You are viewing a plain text version of this content. The canonical link for it is here.
Posted to commits@spark.apache.org by mr...@apache.org on 2022/11/30 03:53:22 UTC

[spark] branch branch-3.3 updated: [SPARK-40987][CORE] `BlockManager#removeBlockInternal` should ensure the lock is unlocked gracefully

This is an automated email from the ASF dual-hosted git repository.
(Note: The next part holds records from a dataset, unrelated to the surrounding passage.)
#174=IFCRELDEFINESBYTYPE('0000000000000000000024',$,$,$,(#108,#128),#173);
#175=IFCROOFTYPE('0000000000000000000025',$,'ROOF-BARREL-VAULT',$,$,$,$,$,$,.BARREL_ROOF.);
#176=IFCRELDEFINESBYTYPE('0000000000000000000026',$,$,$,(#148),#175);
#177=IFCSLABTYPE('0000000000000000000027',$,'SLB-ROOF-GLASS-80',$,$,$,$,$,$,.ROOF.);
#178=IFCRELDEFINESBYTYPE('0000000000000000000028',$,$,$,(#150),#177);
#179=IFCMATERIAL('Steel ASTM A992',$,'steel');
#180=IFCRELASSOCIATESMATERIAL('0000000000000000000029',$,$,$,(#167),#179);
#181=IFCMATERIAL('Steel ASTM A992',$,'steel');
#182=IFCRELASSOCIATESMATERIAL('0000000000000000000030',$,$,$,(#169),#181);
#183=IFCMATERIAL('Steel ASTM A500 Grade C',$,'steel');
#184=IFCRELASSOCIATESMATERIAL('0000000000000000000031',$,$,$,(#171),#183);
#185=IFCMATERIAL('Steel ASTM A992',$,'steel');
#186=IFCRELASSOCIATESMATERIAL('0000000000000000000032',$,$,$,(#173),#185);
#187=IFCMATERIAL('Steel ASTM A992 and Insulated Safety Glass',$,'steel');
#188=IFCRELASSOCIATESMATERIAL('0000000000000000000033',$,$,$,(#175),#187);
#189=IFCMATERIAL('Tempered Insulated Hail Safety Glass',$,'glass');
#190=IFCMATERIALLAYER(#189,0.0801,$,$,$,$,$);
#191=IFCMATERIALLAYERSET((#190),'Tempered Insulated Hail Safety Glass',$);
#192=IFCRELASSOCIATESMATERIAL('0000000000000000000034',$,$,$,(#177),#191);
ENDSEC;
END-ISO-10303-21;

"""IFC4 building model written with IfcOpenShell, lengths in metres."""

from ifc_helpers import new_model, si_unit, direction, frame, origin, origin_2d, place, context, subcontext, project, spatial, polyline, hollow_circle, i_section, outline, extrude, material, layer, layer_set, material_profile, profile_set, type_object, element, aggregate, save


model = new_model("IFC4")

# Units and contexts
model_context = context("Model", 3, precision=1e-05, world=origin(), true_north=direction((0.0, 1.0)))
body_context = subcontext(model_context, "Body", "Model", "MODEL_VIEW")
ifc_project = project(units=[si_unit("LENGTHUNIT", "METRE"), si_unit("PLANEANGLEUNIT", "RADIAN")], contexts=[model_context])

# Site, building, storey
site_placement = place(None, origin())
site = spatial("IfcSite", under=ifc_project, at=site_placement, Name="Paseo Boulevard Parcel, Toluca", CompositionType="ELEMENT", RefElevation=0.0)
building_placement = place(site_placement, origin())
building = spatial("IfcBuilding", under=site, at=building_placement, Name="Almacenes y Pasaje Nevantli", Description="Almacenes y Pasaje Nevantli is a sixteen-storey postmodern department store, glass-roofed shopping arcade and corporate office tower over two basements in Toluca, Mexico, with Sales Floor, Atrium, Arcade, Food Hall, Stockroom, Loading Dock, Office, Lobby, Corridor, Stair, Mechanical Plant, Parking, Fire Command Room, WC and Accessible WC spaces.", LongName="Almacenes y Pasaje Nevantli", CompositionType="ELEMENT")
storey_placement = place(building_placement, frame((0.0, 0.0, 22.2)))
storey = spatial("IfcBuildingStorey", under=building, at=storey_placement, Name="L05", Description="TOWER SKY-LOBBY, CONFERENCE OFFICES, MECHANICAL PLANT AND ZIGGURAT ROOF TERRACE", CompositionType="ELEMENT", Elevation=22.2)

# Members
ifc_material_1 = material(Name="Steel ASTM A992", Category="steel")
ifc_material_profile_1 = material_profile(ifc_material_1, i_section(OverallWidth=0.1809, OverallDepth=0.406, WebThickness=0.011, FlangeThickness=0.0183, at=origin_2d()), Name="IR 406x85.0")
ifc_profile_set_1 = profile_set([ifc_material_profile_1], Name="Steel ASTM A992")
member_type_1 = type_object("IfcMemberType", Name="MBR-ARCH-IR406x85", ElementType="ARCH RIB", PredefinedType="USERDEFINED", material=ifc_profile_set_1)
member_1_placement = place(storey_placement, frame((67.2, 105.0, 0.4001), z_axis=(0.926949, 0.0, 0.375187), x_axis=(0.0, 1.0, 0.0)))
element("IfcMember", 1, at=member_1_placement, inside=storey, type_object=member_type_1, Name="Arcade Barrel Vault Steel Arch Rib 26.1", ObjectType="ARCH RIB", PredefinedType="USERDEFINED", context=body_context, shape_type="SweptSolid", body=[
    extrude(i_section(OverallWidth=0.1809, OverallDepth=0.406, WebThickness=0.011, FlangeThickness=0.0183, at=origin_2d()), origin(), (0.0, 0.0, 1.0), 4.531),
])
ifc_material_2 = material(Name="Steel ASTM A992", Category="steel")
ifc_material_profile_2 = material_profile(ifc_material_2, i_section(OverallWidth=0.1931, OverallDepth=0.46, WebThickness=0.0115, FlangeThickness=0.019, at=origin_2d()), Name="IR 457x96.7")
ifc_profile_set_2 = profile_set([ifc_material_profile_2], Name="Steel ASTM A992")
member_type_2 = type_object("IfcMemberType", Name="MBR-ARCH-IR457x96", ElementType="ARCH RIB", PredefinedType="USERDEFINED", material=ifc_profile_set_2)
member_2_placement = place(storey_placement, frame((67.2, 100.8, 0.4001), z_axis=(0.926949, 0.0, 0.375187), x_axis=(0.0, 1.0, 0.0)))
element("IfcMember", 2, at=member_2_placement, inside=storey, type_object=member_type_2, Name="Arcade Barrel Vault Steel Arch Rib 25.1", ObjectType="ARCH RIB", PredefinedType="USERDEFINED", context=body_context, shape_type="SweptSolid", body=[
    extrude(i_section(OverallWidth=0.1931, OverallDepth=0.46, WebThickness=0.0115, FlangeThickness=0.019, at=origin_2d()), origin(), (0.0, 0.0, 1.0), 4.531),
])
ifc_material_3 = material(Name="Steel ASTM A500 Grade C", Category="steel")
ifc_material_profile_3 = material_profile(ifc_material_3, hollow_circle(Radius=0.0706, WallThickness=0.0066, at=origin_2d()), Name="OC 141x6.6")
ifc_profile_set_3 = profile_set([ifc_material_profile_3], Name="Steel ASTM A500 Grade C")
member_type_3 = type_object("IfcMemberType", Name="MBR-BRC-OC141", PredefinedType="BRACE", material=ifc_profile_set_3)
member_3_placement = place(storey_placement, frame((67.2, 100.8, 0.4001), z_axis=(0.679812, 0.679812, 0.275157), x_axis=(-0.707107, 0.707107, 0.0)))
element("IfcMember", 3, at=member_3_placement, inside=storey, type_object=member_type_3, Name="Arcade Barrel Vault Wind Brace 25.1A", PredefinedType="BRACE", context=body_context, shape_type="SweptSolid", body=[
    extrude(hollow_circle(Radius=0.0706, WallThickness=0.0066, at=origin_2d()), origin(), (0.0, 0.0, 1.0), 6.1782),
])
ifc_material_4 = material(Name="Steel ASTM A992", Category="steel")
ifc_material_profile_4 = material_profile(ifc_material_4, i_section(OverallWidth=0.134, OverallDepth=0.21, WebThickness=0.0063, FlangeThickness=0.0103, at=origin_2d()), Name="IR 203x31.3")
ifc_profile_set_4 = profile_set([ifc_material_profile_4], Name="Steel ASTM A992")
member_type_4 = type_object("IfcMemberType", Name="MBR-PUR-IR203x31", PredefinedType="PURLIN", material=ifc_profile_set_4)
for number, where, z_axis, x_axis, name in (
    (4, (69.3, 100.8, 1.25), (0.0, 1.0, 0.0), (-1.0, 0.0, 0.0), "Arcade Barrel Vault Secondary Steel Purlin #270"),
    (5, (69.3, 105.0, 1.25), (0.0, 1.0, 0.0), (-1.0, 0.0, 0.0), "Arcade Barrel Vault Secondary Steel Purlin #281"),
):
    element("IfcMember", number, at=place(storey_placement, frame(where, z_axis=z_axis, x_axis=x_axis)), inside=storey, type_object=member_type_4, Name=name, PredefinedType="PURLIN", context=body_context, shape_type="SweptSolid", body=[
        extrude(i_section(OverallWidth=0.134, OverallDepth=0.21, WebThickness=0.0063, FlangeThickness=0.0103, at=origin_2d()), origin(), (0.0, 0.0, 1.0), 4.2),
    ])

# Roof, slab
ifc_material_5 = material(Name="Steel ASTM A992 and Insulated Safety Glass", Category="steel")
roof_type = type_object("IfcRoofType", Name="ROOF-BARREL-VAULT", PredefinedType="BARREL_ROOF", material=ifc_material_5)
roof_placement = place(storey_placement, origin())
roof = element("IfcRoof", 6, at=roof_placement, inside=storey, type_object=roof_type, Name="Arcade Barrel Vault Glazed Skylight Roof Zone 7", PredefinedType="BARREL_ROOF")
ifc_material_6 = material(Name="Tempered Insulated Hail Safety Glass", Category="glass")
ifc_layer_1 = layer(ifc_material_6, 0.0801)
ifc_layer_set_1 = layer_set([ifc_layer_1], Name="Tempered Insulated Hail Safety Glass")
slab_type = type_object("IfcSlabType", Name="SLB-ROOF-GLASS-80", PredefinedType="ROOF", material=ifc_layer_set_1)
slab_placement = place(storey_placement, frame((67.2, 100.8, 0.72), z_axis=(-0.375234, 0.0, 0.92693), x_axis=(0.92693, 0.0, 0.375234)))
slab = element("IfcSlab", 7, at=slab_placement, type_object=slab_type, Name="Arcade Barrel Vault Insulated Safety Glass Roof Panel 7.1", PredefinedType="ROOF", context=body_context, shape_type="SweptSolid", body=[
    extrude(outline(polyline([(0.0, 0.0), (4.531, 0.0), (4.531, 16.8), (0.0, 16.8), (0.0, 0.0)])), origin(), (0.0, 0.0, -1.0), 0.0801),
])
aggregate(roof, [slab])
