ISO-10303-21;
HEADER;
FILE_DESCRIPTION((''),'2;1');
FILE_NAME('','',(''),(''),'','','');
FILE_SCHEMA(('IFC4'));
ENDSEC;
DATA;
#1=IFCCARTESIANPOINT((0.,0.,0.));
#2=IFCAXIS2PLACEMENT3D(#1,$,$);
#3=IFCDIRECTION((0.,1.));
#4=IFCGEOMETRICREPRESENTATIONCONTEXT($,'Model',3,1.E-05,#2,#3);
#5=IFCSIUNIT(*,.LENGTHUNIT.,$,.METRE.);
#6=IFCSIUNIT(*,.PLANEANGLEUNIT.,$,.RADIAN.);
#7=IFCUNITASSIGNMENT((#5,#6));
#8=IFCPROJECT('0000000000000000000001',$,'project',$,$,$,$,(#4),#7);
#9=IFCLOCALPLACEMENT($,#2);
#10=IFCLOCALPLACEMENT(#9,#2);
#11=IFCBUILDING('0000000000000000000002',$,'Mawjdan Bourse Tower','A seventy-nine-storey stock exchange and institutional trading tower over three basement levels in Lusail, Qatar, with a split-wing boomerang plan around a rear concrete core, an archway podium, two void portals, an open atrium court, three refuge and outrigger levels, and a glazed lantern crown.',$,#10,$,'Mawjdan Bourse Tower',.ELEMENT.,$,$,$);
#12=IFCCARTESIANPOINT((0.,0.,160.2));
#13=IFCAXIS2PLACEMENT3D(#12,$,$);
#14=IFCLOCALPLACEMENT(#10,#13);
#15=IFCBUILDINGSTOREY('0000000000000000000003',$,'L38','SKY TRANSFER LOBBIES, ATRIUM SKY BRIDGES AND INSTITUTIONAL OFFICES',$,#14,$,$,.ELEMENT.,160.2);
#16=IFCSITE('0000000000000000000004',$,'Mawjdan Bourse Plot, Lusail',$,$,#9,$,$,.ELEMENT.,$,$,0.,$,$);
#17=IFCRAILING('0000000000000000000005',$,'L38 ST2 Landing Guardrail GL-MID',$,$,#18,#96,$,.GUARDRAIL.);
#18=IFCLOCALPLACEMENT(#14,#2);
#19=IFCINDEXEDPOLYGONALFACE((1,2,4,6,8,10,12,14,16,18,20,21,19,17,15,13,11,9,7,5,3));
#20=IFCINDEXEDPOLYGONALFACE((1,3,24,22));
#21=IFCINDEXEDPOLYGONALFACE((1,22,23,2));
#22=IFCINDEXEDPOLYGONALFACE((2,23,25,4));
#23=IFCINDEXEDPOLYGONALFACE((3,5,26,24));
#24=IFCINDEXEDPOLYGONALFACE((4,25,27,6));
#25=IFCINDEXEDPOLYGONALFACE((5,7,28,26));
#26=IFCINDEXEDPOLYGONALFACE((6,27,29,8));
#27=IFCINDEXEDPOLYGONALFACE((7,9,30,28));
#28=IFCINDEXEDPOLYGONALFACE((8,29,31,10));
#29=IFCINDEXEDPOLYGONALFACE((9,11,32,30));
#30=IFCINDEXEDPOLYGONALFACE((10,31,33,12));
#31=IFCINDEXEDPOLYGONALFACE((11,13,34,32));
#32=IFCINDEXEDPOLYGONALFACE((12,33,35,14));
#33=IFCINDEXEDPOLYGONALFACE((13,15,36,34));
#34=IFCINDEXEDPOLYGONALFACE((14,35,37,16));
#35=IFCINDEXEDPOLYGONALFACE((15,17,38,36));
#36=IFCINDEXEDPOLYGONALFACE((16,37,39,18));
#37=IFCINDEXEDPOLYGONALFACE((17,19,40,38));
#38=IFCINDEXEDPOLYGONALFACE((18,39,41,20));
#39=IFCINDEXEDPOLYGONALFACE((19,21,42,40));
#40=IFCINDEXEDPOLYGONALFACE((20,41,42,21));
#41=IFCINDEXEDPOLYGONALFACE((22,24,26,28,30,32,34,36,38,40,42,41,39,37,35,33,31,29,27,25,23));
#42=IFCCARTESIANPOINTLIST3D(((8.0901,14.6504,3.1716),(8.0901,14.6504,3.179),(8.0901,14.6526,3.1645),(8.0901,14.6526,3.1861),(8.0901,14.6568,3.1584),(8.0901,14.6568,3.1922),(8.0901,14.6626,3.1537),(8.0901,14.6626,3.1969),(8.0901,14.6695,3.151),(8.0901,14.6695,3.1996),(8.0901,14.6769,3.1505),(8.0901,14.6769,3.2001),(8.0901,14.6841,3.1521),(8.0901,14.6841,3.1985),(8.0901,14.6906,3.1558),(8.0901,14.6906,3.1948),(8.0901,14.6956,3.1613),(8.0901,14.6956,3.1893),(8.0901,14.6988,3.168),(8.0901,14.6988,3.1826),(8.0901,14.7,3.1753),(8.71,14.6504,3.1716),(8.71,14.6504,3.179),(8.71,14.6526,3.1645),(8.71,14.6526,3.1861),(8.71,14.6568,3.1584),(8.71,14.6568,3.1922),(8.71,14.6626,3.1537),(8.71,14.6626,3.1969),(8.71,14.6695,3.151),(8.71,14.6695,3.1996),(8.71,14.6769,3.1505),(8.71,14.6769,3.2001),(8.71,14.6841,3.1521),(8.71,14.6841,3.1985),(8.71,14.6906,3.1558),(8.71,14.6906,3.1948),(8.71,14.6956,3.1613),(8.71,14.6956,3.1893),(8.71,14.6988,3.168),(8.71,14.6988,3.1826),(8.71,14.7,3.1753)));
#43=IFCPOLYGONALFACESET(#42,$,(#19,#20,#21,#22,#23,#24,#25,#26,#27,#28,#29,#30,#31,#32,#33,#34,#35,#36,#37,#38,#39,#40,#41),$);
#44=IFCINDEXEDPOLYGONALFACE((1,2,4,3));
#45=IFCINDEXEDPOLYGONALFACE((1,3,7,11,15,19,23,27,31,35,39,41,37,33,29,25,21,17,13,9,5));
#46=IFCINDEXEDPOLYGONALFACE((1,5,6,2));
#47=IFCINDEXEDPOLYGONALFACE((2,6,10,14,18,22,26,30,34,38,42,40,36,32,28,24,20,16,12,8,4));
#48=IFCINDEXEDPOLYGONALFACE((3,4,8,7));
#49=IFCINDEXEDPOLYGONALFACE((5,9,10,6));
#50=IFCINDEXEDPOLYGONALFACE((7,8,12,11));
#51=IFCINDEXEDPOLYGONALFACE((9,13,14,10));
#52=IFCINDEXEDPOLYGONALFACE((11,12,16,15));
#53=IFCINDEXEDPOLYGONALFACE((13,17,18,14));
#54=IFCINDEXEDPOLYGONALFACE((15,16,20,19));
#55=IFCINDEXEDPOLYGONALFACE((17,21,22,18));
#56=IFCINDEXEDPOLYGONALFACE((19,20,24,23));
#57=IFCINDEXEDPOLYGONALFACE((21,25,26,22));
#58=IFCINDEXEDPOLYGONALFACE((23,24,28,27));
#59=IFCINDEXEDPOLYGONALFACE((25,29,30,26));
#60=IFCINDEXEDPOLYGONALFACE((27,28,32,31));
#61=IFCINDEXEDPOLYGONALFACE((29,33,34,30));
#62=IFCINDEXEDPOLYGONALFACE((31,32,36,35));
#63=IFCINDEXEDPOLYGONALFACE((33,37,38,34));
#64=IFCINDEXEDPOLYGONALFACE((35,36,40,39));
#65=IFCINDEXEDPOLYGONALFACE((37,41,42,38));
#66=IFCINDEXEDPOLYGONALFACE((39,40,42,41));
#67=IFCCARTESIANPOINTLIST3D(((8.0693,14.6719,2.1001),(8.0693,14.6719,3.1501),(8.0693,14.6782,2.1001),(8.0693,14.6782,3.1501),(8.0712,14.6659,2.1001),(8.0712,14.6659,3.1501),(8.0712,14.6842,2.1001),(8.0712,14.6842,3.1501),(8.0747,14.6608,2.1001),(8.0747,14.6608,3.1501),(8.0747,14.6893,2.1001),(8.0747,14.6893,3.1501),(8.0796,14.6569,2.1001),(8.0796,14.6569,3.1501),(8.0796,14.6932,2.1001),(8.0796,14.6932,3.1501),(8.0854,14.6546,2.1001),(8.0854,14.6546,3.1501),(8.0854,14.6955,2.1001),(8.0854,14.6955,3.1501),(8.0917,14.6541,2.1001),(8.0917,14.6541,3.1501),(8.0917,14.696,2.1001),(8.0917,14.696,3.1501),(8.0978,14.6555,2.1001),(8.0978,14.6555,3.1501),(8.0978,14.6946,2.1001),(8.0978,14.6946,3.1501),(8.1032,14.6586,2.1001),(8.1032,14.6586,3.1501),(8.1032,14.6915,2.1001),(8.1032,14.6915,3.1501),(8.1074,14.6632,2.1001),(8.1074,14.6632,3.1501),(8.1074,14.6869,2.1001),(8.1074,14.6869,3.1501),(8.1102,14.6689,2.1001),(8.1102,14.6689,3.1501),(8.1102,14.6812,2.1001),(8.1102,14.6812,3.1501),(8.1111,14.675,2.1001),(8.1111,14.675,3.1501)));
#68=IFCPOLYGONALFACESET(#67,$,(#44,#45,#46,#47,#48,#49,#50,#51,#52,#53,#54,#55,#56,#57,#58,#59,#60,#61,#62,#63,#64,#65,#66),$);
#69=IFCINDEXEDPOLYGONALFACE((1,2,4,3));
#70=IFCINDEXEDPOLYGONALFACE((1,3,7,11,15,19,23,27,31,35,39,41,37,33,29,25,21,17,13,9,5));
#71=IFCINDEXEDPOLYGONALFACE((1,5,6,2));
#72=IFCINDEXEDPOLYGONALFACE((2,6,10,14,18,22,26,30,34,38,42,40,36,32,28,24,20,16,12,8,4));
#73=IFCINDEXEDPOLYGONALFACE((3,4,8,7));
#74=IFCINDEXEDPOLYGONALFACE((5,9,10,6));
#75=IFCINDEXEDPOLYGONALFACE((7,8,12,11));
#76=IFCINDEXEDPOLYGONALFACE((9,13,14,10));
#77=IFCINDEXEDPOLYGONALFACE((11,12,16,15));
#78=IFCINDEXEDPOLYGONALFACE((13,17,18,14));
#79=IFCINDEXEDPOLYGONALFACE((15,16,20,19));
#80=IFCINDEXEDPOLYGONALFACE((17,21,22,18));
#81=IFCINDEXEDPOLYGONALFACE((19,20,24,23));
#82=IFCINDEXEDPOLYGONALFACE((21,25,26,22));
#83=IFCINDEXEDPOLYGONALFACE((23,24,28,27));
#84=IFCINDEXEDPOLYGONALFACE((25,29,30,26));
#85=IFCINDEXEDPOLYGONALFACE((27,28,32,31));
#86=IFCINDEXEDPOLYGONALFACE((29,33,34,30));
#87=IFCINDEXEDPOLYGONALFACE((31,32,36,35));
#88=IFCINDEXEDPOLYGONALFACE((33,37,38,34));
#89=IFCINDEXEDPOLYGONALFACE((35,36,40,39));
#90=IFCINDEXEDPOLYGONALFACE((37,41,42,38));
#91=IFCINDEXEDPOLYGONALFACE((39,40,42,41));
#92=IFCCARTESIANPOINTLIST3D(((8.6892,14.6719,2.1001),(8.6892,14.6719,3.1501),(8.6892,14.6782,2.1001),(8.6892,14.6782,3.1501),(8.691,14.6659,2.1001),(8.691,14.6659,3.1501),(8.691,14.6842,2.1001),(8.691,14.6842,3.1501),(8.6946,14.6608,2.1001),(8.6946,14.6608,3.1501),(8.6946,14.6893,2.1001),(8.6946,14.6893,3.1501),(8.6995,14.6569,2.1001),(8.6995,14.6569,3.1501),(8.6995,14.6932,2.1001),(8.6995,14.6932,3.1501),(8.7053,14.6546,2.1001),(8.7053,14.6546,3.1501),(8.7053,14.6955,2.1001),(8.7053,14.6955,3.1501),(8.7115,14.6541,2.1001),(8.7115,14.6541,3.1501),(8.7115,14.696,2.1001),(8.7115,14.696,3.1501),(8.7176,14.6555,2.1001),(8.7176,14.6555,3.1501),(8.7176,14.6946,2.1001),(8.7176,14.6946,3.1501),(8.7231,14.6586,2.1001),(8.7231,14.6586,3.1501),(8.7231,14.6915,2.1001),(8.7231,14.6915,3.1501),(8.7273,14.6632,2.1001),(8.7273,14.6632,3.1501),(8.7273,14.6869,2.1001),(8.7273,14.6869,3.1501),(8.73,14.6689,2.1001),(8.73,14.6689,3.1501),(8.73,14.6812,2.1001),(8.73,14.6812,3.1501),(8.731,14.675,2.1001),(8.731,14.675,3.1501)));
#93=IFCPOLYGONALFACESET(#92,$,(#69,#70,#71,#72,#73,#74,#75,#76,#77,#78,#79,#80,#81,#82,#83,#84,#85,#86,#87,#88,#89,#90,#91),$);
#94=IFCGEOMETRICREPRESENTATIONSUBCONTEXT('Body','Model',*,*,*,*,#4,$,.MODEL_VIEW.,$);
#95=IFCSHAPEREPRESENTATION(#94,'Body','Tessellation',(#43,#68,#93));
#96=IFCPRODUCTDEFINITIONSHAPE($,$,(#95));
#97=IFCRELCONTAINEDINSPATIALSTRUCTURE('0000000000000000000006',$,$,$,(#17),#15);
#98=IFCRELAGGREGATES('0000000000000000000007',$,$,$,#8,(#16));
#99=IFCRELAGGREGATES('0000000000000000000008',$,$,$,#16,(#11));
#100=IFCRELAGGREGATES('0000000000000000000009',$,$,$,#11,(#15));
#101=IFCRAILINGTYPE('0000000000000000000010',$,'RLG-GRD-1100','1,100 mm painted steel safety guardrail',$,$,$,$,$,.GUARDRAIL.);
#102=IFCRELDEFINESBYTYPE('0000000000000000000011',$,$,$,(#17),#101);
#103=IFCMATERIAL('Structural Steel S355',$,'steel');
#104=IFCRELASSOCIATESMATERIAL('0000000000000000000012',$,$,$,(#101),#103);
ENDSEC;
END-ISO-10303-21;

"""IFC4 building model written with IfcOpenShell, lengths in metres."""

from ifc_helpers import new_model, si_unit, direction, frame, origin, origin_2d, place, context, subcontext, project, spatial, circle, extrude, material, type_object, element, save


model = new_model("IFC4")

# Units and contexts
model_context = context("Model", 3, precision=1e-05, world=origin(), true_north=direction((0.0, 1.0)))
body_context = subcontext(model_context, "Body", "Model", "MODEL_VIEW")
ifc_project = project(units=[si_unit("LENGTHUNIT", "METRE"), si_unit("PLANEANGLEUNIT", "RADIAN")], contexts=[model_context])

# Site, building, storey
site_placement = place(None, origin())
site = spatial("IfcSite", under=ifc_project, at=site_placement, Name="Mawjdan Bourse Plot, Lusail", CompositionType="ELEMENT", RefElevation=0.0)
building_placement = place(site_placement, origin())
building = spatial("IfcBuilding", under=site, at=building_placement, Name="Mawjdan Bourse Tower", Description="A seventy-nine-storey stock exchange and institutional trading tower over three basement levels in Lusail, Qatar, with a split-wing boomerang plan around a rear concrete core, an archway podium, two void portals, an open atrium court, three refuge and outrigger levels, and a glazed lantern crown.", LongName="Mawjdan Bourse Tower", CompositionType="ELEMENT")
storey_placement = place(building_placement, frame((0.0, 0.0, 160.2)))
storey = spatial("IfcBuildingStorey", under=building, at=storey_placement, Name="L38", Description="SKY TRANSFER LOBBIES, ATRIUM SKY BRIDGES AND INSTITUTIONAL OFFICES", CompositionType="ELEMENT", Elevation=160.2)

# Shared definitions
ifc_material_1 = material(Name="Structural Steel S355", Category="steel")

# Railing
railing_type_1 = type_object("IfcRailingType", Name="RLG-GRD-1100", Description="1,100 mm painted steel safety guardrail", PredefinedType="GUARDRAIL", material=ifc_material_1)
for number, where, name in (
    (1, (8.0901, 14.675, 2.1001), "L38 ST2 Landing Guardrail GL-MID"),
):
    element("IfcRailing", number, at=place(storey_placement, frame(where)), inside=storey, type_object=railing_type_1, Name=name, PredefinedType="GUARDRAIL", context=body_context, shape_type="SweptSolid", body=[
        extrude(circle(Radius=0.0249, at=origin_2d()), frame((0.0, 0.0, 1.0752), z_axis=(1.0, 0.0, 0.0), x_axis=(0.0, 1.0, 0.0)), (0.0, 0.0, 1.0), 0.6199),
        extrude(circle(Radius=0.021, at=origin_2d()), origin(), (0.0, 0.0, 1.0), 1.05),
        extrude(circle(Radius=0.021, at=origin_2d()), frame((0.6199, 0.0, 0.0)), (0.0, 0.0, 1.0), 1.05),
    ])

save(model, "model.ifc")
mridulm80 pushed a commit to branch branch-3.3
in repository https://gitbox.apache.org/repos/asf/spark.git


The following commit(s) were added to refs/heads/branch-3.3 by this push:
     new 3f7ff3507c3 [SPARK-40987][CORE] `BlockManager#removeBlockInternal` should ensure the lock is unlocked gracefully
3f7ff3507c3 is described below

commit 3f7ff3507c3964f965202e1fcb0048ac0a4af8e5
Author: sychen <sy...@ctrip.com>
AuthorDate: Tue Nov 29 21:52:43 2022 -0600

    [SPARK-40987][CORE] `BlockManager#removeBlockInternal` should ensure the lock is unlocked gracefully
    
    ### What changes were proposed in this pull request?
    `BlockManager#removeBlockInternal` should ensure the lock is unlocked gracefully.
    `removeBlockInternal` tries to call `removeBlock` in the finally block.
    
    ### Why are the changes needed?
    When the driver submits a job, `DAGScheduler` calls `sc.broadcast(taskBinaryBytes)`.
    `TorrentBroadcast#writeBlocks` may fail due to disk problems during `blockManager#putBytes`.
    `BlockManager#doPut` calls `BlockManager#removeBlockInternal` to clean up the block.
    `BlockManager#removeBlockInternal` calls `DiskStore#remove` to clean up blocks on disk.
    `DiskStore#remove` will try to create the directory because the directory does not exist, and an exception will be thrown at this time.
    `BlockInfoManager#blockInfoWrappers` block info and lock not removed.
    The catch block in `TorrentBroadcast#writeBlocks` will call `blockManager.removeBroadcast` to clean up the broadcast.
    Because the block lock in `BlockInfoManager#blockInfoWrappers` is not released, the `dag-scheduler-event-loop` thread of `DAGScheduler` will wait forever.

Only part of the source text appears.